Faber to publish biography of Tom Stoppard by Hermione Lee
Faber & Faber will publish the biography of Tom Stoppard by Hermione Lee.
Editorial Director for Drama, Dinah Wood, acquired rights from Caroline Dawnay at United Agents. The publication date has not yet been scheduled.
Hermione Lee commented:
‘It is immensely exciting for me that I am going to write Sir Tom Stoppard’s biography. This wonderful literary opportunity has come out of some conversations with him in which he’s given the project his enthusiastic blessing. He has told me he will help in any way he can: he said “he thought he would be one of my more important sources”. But he also said that he will like to think of my work on him going on in a “parallel universe”, while he gets on with his own work and life. This seems to me a good way for a living subject to treat their biographer.
To have Tom Stoppard as a biographical subject is, in prospect, an extraordinary joy and privilege. It’s to spend the next few years researching, thinking about, and writing on our greatest living dramatist, a playwright whose imagination ranges across life, art, language, science, history, politics and philosophy with dazzling inventiveness and generosity, one of the funniest, most intelligent and most humane writers on earth. It’s to pursue the story of a life of high drama and interest, moving in childhood from Czechoslovakia, Singapore, Australia and India to England, and in adulthood from journalism to theatre, radio and film. It’s a story full of remarkable men and women from all over the world and in many different professions, from actors and directors to philosophers and scientists to world-leaders such as Vaclav Havel. It’s a story that spans, already, fifty years of astonishing writing, from the leap to fame in the 1960s with Rosencrantz and Guildenstern are Dead, to, most recently, the brilliant and moving BBC TV adaptation of Parade’s End.
‘It’s also a story of political involvement, activism, and courage. Tom Stoppard was given the PEN/Pinter Prize this year, and in his acceptance speech he talked about the conditions of life which he values: “the freedom to think for oneself, to use one’s discretion, to name things for what they are and not for what they purport to be, to apply common sense, and common humanity.” In his work with PEN, Amnesty, Index on Censorship, and on behalf of freedom of expression, for instance in defence of the Belarus Free Theatre, he contributes, without self-advertisement, to those values. This is a story of a writer with his ear to the world.

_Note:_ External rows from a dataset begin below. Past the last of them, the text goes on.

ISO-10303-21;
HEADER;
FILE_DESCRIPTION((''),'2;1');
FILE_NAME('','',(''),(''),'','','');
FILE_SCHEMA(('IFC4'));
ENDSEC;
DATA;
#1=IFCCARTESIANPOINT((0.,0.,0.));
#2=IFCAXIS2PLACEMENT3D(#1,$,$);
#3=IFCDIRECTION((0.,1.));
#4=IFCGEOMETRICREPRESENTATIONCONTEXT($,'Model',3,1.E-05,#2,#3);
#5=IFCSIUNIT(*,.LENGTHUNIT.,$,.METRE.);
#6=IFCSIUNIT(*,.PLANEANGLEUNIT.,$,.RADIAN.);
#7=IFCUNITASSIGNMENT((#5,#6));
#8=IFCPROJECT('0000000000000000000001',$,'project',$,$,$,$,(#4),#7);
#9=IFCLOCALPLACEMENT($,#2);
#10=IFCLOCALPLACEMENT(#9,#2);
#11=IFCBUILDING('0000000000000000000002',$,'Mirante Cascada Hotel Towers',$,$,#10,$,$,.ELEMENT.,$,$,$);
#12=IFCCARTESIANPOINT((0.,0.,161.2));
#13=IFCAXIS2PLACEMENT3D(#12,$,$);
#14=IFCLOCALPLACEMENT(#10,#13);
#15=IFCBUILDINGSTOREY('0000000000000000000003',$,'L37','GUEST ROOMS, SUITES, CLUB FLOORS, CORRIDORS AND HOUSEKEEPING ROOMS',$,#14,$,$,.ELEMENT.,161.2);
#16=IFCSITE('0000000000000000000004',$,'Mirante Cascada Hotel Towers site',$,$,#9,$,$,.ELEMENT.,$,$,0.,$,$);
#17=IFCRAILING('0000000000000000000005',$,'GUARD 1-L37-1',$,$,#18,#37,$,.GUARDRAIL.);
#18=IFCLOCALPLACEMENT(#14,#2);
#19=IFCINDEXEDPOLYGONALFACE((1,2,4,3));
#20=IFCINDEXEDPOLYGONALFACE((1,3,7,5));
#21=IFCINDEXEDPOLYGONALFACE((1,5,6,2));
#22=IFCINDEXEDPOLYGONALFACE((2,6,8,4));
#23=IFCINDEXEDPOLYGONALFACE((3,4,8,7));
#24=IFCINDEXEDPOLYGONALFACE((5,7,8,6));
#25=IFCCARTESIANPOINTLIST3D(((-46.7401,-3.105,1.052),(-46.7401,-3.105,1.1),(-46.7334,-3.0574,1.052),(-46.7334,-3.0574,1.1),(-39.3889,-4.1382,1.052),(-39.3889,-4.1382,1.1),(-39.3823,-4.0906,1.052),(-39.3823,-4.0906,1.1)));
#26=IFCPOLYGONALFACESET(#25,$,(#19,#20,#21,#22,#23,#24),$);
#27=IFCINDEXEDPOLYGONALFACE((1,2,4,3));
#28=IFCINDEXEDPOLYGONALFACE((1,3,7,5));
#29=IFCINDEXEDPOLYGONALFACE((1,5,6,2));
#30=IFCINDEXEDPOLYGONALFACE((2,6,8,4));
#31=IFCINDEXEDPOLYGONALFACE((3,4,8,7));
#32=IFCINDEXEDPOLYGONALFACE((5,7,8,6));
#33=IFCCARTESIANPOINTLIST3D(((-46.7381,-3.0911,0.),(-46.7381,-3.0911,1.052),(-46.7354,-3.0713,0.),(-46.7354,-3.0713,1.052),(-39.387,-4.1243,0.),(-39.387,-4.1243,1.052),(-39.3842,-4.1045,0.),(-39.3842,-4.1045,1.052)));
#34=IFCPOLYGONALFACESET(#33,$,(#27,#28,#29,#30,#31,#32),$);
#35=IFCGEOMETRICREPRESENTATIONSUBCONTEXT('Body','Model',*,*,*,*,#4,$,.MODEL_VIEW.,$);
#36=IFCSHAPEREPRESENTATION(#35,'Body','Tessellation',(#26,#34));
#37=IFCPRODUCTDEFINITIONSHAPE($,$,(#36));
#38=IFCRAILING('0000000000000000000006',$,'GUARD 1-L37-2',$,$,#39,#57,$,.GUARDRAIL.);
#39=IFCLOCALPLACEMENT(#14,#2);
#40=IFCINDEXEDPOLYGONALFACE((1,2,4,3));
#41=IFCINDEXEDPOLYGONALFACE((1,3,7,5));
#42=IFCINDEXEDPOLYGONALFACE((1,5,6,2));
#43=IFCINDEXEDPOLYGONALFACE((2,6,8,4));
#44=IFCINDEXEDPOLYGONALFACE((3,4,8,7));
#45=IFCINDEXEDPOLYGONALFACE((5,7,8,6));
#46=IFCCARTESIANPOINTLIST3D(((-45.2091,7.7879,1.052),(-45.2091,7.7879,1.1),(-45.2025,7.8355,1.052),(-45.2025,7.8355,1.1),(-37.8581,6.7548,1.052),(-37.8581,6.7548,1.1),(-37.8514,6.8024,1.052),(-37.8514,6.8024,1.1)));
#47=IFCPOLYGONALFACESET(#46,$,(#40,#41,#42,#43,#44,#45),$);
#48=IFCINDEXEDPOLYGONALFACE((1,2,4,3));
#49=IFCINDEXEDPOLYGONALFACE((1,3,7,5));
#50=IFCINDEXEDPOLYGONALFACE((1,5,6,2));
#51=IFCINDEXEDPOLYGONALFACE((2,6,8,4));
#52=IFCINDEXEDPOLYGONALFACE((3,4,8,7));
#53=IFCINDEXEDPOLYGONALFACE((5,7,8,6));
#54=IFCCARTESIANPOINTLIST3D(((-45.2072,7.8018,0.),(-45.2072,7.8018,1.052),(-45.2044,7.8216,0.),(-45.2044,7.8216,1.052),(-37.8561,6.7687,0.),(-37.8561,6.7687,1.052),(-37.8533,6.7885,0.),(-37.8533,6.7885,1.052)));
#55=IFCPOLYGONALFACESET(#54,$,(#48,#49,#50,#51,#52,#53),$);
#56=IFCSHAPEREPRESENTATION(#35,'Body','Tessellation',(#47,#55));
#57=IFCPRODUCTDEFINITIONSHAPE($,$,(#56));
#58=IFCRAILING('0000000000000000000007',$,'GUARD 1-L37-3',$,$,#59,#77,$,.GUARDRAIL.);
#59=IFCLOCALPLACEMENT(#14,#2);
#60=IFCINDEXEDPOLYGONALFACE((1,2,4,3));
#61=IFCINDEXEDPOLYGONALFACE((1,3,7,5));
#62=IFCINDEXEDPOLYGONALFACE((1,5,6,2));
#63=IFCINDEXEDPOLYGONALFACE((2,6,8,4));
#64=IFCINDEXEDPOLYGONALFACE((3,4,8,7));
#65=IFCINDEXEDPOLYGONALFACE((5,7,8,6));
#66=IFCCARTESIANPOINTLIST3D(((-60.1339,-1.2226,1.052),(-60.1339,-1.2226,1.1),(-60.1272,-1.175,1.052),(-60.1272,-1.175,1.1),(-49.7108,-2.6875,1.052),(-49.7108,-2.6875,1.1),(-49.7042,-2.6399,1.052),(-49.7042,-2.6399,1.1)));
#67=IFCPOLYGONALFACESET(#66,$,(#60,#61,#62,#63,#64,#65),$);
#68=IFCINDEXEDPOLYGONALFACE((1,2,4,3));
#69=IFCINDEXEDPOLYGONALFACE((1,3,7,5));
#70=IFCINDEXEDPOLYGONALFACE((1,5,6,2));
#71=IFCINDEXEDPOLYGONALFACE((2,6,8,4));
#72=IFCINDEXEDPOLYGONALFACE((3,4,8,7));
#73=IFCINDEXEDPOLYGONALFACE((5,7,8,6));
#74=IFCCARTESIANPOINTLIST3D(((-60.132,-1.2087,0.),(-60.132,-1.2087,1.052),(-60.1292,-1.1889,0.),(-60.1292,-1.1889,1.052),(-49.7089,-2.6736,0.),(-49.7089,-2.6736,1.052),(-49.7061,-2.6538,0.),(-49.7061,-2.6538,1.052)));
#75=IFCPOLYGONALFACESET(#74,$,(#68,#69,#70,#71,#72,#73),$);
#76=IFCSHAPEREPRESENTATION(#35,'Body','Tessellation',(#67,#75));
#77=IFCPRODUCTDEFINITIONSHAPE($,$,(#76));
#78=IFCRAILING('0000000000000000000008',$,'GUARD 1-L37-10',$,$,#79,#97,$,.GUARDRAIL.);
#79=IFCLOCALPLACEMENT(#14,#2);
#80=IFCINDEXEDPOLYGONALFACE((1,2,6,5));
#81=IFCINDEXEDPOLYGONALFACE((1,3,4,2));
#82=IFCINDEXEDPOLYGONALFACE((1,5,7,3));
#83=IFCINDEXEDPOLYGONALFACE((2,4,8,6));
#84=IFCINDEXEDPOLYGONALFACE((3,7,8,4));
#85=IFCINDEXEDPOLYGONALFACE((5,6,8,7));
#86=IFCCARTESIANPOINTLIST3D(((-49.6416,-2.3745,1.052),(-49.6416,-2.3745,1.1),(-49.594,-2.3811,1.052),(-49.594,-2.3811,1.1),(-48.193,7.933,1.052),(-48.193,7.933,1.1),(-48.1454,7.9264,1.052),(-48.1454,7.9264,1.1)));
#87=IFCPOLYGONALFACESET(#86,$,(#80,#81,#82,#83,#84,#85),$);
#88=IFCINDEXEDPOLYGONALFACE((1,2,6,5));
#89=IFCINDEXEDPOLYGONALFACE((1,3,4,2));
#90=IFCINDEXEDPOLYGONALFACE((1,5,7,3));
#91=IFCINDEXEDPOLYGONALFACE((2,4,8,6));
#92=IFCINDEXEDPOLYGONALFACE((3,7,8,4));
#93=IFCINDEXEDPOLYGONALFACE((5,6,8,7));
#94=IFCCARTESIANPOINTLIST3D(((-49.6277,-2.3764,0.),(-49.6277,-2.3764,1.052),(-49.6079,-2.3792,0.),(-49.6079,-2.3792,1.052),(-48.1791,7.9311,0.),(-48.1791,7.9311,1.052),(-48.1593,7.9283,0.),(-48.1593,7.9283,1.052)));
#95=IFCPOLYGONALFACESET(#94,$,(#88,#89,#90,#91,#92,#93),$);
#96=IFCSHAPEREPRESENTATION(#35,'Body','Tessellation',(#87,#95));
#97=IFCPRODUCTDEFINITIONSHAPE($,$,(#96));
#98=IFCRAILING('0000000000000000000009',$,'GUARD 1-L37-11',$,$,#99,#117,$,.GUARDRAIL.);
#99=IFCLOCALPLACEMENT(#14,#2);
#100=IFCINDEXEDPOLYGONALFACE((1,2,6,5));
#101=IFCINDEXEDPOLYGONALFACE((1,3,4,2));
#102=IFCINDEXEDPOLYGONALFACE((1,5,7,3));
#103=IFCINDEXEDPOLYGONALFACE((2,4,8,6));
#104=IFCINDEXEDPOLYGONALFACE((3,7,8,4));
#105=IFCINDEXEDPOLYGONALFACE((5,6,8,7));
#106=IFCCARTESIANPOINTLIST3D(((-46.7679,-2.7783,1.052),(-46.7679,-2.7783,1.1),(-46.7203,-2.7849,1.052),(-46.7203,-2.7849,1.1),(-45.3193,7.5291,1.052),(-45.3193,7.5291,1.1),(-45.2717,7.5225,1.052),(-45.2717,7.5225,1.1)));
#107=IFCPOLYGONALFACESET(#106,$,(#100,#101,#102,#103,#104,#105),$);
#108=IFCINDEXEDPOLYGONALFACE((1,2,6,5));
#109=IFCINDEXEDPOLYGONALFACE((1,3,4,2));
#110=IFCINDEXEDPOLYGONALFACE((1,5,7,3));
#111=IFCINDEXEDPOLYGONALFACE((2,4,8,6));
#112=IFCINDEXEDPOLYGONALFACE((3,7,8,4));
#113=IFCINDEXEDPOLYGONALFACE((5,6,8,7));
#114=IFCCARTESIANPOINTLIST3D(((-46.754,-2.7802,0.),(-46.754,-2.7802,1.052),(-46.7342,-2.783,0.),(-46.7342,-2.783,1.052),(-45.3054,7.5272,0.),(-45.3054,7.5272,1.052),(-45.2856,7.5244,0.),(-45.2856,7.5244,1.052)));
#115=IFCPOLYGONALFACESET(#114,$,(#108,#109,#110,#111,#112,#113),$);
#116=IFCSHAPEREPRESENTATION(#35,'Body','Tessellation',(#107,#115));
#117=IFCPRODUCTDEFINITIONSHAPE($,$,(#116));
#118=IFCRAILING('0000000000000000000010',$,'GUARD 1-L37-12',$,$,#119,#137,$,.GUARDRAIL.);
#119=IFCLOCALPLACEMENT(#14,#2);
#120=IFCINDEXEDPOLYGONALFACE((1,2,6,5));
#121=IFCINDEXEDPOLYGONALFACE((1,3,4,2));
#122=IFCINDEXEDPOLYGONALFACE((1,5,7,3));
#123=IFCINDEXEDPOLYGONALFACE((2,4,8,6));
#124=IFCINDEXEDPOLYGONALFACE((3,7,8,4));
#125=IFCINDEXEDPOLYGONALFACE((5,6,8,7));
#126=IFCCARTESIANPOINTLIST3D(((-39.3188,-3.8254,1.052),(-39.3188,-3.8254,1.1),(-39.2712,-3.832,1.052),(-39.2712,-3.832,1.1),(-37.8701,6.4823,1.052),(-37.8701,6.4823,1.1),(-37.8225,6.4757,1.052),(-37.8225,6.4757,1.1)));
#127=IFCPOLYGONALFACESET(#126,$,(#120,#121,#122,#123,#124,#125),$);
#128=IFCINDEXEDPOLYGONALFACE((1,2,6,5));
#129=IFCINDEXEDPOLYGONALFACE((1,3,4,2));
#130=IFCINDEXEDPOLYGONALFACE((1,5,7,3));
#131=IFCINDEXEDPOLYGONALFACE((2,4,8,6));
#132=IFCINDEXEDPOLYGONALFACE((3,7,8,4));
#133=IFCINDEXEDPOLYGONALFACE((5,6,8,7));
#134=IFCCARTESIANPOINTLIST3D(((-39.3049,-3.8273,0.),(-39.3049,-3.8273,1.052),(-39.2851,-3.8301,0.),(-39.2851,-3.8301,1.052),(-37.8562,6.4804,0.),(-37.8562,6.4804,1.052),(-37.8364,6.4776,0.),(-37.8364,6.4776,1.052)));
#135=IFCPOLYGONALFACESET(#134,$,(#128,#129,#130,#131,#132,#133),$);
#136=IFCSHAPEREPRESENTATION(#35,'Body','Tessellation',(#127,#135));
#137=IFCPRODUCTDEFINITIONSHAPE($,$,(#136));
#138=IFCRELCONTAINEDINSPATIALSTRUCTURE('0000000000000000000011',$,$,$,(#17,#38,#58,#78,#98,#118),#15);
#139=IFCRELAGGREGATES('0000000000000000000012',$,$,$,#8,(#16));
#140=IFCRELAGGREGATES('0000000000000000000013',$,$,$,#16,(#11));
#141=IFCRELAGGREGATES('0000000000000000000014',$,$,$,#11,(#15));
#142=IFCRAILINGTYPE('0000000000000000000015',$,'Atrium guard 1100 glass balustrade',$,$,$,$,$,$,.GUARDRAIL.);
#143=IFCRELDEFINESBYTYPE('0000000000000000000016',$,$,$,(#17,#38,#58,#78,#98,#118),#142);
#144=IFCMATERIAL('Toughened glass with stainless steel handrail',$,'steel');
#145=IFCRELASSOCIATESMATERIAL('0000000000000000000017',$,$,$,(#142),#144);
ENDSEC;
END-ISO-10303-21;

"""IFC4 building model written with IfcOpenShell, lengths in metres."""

from ifc_helpers import new_model, si_unit, direction, frame, origin, origin_2d, place, context, subcontext, project, spatial, rectangle, extrude, material, type_object, element, save


model = new_model("IFC4")

# Units and contexts
model_context = context("Model", 3, precision=1e-05, world=origin(), true_north=direction((0.0, 1.0)))
body_context = subcontext(model_context, "Body", "Model", "MODEL_VIEW")
ifc_project = project(units=[si_unit("LENGTHUNIT", "METRE"), si_unit("PLANEANGLEUNIT", "RADIAN")], contexts=[model_context])

# Site, building, storey
site_placement = place(None, origin())
site = spatial("IfcSite", under=ifc_project, at=site_placement, Name="Mirante Cascada Hotel Towers site", CompositionType="ELEMENT", RefElevation=0.0)
building_placement = place(site_placement, origin())
building = spatial("IfcBuilding", under=site, at=building_placement, Name="Mirante Cascada Hotel Towers", CompositionType="ELEMENT")
storey_placement = place(building_placement, frame((0.0, 0.0, 161.2)))
storey = spatial("IfcBuildingStorey", under=building, at=storey_placement, Name="L37", Description="GUEST ROOMS, SUITES, CLUB FLOORS, CORRIDORS AND HOUSEKEEPING ROOMS", CompositionType="ELEMENT", Elevation=161.2)

# Railings
ifc_material_1 = material(Name="Toughened glass with stainless steel handrail", Category="steel")
railing_type = type_object("IfcRailingType", Name="Atrium guard 1100 glass balustrade", PredefinedType="GUARDRAIL", material=ifc_material_1)
railing_1_placement = place(storey_placement, frame((-39.3856, -4.1144, 0.0)))
element("IfcRailing", 1, at=railing_1_placement, inside=storey, type_object=railing_type, Name="GUARD 1-L37-1", PredefinedType="GUARDRAIL", context=body_context, shape_type="SweptSolid", body=[
    extrude(rectangle(XDim=0.048, YDim=0.048, at=origin_2d()), frame((0.0, 0.0, 1.076), z_axis=(-0.990267, 0.139182, 0.0), x_axis=(-0.139182, -0.990267, 0.0)), (0.0, 0.0, 1.0), 7.4234),
    extrude(rectangle(XDim=0.02, YDim=1.052, at=origin_2d()), frame((0.0, 0.0, 0.526), z_axis=(-0.990267, 0.139182, 0.0), x_axis=(-0.139182, -0.990267, 0.0)), (0.0, 0.0, 1.0), 7.4234),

‘As a biographer I always start from a position of admiration for the work and curiosity about the complex relationship between the work and the life. As well as being a biographer, I’m a teacher and a literary critic, and the head of an Oxford graduate college (Wolfson College, founded by Isaiah Berlin, one of Stoppard’s intellectual heroes). I’ve written biographies of Virginia Woolf, Willa Cather, Edith Wharton and Penelope Fitzgerald, and books on Elizabeth Bowen and Philip Roth. For me, this project is a first. I’ve never yet written a biography of a living person, a dramatist, or a man. Nothing could be more interesting for me than to take on this new challenge, bringing to it the experience of forty or so years of writing books about writers.
‘Many of Tom Stoppard’s works play with the problem of biography, the tricks of memory, and the truths and travesties involved in reconstructing the past: think of Arcadia, Indian Ink, Travesties, The Invention of Love, The Coast of Utopia. From Housman to Herzen, from Tristan Tzara to Turgenev, real people inhabit his imaginary worlds, but not in the ways they might have expected when they were alive. One of the characters in Indian Ink says: “Biography is the worst possible excuse for getting people wrong”. I have the chance to get this person right, and I hope I may succeed.’
Dinah Wood said of the acquisition:
‘To unite one of our most brilliant and charismatic playwrights with the highly distinguished biographer Hermione Lee is a dazzling prospect. Faber has published Tom Stoppard since 1967: I cannot wait to discover what has been going on behind the scenes. So far, we have had only tantalizing glimpses. It is a dream acquisition for the list.’
Faber’s CEO Stephen Page said:
‘We couldn’t be more delighted, this will be a landmark publication for Faber.’